This article summarizes a research paper presented at the 2014 Computation + Journalism Symposium. Meredith Broussard (@merbroussard) is an assistant professor at Temple University who teaches data journalism. See the full collection of research summaries.
By Meredith Broussard
Story ideas come from unexpected places. Often, an investigative story comes out of simple curiosity: a reporter notices something strange, wonders why it’s like that and gets it in her head to track down the reason.
Conceptually, this can be described as the reporter perceiving a conflict between what is (the observed reality) and what should be (as articulated in law or policy).
This conflict was at the heart of an investigative series I wrote about textbook shortages in Philadelphia public schools. I heard from sources that there weren’t enough textbooks to go around at Philadelphia’s public schools.
Because the same people write the textbooks and the state-mandated standardized tests, students without access to textbooks can’t achieve passing scores on the standardized tests. There should be enough books in schools.
However, what is can be seen in data from the School District of Philadelphia’s textbook inventory system. (Spoiler: it’s not good.)
The most recent installment in the series, a feature called “Why Poor Schools Can’t Win at Standardized Testing,” ran in The Atlantic in July 2014.
The piece looks like any other investigative feature story, but its backstory is computationally complex: I designed a new piece of software, which was derived from artificial intelligence software, in order to do the reporting for the piece.
The term “artificial intelligence” makes most people think of Hollywood creations: Commander Data from Star Trek, or HAL 9000 from “2001: A Space Odyssey.” In truth, “intelligent” machines do not exist. (Yet.) When computer scientists say “artificial intelligence,” they are usually referring to a specialty field inside their discipline.
The Association for the Advancement of Artificial Intelligence (AAAI) describes the field of AI as “devoted to advancing the scientific understanding of the mechanisms underlying thought and intelligent behavior and their embodiment in machines.”
The software I built for the story is a prototype for what I call the Story Discovery Engine, a new type of software that reporters can use to accelerate the process of finding investigative story ideas on public affairs beats such as education, transportation or campaign finance.
A newsroom can create a single Story Discovery Engine and use it to uncover multiple stories on a beat. Instead of a single data analysis resulting in a single story, the Story Discovery Engine is a single data analysis that creates dozens of data visualizations, each of which can result in a story.
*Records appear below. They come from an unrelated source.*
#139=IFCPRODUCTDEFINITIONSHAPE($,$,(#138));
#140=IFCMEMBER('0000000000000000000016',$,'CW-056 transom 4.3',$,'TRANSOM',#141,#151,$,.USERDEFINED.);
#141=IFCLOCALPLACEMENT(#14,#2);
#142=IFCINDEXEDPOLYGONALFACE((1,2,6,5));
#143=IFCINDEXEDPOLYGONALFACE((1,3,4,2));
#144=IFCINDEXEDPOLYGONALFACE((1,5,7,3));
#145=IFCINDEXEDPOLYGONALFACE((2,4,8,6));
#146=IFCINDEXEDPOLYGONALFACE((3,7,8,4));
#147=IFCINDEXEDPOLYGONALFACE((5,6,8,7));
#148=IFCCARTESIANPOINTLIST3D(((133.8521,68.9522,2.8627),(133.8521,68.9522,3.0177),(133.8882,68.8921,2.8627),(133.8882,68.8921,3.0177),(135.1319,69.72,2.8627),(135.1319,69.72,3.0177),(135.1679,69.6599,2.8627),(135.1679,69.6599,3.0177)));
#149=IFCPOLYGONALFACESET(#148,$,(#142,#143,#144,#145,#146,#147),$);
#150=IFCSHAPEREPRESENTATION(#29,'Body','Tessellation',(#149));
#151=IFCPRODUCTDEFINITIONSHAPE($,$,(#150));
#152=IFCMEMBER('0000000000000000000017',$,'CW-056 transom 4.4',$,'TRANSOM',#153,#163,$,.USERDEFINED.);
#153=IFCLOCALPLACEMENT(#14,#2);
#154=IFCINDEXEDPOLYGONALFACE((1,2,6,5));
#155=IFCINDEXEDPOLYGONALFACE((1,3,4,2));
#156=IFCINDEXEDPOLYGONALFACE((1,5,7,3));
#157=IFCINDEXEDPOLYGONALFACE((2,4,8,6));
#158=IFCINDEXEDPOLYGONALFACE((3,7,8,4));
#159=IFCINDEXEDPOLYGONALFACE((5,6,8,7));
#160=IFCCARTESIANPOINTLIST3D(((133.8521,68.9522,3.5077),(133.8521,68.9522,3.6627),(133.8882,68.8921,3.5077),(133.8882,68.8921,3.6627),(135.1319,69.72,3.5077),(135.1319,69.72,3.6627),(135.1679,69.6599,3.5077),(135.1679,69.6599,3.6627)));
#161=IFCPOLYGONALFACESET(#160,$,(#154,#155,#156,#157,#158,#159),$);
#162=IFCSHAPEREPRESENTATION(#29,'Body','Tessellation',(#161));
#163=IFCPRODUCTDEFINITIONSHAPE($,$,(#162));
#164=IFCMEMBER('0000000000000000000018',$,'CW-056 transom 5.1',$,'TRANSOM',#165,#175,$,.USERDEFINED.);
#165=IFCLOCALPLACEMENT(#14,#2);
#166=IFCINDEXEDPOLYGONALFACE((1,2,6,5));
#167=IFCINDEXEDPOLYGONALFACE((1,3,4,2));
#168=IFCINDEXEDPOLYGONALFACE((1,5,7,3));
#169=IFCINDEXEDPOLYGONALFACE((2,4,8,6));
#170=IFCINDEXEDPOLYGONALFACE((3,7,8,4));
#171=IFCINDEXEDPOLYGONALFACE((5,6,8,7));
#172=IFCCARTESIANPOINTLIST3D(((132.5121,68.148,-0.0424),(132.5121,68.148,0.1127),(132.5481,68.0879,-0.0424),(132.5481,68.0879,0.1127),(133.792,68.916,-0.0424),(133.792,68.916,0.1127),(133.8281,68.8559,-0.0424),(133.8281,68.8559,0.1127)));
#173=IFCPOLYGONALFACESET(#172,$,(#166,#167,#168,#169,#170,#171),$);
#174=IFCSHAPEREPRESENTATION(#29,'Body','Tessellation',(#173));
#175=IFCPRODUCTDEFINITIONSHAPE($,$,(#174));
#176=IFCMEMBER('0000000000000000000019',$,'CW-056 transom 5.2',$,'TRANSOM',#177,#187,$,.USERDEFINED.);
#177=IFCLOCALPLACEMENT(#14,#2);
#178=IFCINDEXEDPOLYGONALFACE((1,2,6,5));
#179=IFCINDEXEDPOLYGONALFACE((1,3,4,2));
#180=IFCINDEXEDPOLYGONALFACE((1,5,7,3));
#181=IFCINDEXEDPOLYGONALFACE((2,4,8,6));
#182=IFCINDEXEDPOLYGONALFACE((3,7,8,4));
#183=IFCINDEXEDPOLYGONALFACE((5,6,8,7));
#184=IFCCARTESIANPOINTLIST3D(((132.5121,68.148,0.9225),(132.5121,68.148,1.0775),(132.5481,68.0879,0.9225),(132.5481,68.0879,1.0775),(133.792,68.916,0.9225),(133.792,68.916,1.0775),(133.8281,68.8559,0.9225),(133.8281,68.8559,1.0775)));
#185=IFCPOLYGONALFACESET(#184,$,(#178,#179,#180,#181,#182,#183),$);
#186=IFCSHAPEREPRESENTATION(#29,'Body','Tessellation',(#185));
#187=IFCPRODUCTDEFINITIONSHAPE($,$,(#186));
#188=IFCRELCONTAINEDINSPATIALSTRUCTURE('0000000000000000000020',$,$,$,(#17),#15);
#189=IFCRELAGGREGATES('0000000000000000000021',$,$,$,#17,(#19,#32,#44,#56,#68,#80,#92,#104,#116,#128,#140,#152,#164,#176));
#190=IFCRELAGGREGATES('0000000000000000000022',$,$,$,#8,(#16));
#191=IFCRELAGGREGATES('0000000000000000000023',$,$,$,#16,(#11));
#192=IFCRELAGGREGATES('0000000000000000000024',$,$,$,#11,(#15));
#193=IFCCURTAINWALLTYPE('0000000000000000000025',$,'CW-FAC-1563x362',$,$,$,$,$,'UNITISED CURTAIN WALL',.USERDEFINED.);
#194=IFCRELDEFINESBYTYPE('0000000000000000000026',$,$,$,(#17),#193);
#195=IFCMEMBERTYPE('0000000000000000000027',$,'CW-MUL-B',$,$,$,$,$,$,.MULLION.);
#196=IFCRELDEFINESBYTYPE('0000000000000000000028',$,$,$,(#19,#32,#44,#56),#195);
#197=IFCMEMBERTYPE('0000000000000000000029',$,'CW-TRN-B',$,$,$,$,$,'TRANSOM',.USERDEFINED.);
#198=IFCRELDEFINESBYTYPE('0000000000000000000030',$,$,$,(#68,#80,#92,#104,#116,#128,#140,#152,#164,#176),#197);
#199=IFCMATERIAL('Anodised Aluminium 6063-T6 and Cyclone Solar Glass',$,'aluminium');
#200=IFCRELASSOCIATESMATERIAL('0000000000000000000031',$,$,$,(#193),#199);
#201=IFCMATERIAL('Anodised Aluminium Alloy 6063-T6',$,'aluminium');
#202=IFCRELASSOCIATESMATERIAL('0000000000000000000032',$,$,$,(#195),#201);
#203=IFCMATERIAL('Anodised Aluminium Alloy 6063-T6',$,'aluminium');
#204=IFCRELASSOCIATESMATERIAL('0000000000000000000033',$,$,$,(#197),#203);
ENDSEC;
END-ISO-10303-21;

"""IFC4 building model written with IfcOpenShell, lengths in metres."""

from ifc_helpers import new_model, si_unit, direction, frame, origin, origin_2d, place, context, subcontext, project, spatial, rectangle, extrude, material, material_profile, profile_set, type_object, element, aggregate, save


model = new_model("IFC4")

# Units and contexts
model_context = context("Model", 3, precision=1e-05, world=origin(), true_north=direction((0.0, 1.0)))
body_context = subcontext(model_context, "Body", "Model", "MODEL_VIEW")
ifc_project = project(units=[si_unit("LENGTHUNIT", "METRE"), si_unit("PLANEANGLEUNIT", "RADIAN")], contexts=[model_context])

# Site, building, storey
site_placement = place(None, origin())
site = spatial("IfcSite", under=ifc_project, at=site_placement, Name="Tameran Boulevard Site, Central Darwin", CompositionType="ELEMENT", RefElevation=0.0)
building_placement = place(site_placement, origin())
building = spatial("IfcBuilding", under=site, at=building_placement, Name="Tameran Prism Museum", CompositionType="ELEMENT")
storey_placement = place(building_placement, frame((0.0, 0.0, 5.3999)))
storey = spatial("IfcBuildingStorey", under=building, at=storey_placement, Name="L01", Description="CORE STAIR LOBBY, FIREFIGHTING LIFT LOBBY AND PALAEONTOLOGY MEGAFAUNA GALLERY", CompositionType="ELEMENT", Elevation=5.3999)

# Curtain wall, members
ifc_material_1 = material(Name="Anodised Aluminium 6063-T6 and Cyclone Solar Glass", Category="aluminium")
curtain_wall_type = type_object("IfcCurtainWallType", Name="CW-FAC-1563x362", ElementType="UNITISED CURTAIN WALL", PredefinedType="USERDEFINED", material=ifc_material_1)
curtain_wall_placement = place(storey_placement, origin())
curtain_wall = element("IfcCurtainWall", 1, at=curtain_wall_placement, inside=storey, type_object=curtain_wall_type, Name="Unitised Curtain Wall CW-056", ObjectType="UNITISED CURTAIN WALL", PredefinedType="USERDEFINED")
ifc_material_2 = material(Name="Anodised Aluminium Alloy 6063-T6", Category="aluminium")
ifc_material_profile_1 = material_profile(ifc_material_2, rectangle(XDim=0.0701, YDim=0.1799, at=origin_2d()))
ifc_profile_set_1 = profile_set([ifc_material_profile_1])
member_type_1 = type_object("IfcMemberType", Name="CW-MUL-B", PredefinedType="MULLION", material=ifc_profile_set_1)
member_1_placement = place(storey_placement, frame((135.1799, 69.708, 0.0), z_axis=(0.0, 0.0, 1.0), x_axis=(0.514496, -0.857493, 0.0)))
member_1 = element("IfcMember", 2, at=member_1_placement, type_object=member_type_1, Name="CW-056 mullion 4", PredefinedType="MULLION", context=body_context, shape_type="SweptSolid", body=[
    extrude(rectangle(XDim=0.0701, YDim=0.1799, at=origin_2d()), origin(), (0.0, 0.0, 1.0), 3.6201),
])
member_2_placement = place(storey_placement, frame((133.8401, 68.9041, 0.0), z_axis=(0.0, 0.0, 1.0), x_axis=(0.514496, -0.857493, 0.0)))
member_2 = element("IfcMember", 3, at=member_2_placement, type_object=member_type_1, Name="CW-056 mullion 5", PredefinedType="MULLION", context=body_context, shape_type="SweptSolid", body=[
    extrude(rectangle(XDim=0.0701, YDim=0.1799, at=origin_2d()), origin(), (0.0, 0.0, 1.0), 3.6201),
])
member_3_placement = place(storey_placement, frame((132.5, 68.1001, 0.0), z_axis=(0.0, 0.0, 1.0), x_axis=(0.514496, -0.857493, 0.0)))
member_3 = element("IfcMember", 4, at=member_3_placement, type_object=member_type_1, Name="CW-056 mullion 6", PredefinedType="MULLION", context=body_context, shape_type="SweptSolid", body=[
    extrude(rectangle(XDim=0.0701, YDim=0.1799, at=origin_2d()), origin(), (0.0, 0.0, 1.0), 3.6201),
The software doesn’t spit out story ideas; rather, the reporter uses the reporting tool to generate a set of data visualizations that allow the reporter to quickly spot anomalies worthy of further investigation. She then applies her own domain knowledge and comes up with a brand-new story idea.
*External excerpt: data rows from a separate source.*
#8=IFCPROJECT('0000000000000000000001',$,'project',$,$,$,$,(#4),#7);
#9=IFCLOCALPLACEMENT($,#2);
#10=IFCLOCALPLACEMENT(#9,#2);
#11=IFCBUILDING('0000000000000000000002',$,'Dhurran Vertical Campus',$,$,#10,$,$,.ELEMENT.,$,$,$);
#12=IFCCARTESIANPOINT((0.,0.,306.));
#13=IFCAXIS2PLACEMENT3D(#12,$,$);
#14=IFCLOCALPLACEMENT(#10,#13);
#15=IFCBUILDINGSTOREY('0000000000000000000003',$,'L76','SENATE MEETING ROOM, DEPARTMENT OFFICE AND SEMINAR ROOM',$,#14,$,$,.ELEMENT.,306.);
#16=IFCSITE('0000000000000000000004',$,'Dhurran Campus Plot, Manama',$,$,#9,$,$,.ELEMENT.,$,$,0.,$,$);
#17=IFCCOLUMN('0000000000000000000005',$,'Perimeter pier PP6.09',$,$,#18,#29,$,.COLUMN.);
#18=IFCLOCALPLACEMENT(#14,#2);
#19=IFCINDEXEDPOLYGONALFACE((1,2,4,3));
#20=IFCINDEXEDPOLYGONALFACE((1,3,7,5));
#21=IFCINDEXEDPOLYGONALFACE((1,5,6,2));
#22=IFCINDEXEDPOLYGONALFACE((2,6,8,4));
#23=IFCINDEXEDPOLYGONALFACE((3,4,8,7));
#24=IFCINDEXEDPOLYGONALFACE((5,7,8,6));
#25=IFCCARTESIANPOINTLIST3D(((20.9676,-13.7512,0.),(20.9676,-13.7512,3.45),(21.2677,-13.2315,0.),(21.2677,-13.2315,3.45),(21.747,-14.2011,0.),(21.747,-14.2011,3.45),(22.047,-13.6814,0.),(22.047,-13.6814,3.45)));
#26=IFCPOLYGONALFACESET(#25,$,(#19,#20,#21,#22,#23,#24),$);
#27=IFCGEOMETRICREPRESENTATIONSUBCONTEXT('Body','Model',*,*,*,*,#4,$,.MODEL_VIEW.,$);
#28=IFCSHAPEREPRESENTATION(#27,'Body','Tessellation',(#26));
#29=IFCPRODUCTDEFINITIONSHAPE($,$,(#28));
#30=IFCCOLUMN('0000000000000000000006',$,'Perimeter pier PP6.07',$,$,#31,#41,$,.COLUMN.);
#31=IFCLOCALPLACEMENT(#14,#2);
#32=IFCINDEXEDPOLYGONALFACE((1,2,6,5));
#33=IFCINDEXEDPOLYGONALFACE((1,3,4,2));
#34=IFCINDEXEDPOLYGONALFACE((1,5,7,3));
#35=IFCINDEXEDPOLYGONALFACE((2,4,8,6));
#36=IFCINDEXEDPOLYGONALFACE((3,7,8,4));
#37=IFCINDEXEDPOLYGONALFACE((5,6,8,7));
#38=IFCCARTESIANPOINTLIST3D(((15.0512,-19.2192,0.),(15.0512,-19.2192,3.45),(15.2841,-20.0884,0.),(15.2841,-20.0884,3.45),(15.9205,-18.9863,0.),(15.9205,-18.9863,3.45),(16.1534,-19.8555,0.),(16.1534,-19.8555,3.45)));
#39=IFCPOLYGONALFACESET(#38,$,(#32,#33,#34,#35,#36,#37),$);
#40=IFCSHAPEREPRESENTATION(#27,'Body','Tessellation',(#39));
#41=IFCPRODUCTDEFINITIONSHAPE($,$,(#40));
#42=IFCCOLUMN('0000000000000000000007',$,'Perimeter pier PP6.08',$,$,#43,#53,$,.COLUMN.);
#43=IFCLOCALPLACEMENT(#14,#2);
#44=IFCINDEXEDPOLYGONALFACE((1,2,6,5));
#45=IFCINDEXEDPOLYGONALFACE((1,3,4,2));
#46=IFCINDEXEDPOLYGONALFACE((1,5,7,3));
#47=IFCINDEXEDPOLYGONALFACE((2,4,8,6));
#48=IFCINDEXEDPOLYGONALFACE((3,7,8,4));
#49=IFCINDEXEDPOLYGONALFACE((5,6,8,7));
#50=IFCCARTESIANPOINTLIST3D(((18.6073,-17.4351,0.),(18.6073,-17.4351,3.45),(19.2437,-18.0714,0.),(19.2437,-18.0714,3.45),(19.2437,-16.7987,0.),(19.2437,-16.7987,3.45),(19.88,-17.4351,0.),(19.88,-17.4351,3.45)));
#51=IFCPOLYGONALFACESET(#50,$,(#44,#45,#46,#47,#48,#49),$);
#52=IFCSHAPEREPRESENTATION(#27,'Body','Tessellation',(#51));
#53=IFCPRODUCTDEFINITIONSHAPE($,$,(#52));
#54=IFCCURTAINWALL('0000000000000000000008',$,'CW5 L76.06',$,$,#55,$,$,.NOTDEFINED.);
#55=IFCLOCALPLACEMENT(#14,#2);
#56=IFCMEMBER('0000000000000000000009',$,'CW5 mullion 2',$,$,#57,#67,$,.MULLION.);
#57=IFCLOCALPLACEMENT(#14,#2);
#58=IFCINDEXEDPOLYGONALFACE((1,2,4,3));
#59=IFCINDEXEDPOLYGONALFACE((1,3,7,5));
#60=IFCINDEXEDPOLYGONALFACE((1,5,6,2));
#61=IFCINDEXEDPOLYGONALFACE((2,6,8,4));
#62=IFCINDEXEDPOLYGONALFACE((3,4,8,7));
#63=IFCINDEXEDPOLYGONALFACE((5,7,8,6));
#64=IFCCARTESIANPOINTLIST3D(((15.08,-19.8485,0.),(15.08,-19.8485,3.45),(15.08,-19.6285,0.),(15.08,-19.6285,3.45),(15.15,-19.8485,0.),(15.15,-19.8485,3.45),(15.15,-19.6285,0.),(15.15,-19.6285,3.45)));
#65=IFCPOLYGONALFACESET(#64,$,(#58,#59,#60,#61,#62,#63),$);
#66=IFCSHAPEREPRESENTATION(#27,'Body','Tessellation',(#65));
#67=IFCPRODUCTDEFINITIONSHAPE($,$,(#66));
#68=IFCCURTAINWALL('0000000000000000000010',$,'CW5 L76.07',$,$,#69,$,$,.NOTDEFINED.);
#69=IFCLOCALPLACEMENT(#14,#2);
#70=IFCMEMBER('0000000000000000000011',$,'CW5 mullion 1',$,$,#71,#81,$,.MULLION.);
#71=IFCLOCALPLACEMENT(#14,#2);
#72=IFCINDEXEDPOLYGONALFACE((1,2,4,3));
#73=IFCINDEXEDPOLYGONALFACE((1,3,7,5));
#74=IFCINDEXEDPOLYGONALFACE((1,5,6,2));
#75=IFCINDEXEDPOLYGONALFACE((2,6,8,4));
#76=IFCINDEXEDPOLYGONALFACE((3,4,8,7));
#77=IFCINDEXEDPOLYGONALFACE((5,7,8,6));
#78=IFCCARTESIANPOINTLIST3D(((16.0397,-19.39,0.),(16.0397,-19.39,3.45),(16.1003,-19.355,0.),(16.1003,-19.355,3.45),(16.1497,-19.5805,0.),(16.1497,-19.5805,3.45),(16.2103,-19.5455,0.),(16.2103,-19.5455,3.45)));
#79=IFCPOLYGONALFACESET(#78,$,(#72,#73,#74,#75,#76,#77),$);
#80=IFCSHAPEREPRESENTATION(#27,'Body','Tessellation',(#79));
The Story Discovery Engine is derived from a type of artificial intelligence software called an expert system. As originally conceived in the 1970s, an expert system was supposed to be a sort of advice guru in a box that would help people make decisions. Expert systems never really took off, in part because the human brain is already pretty good at making decisions. It turns out that brains are better equipped to deal with uncertainty and complex situations than machines are.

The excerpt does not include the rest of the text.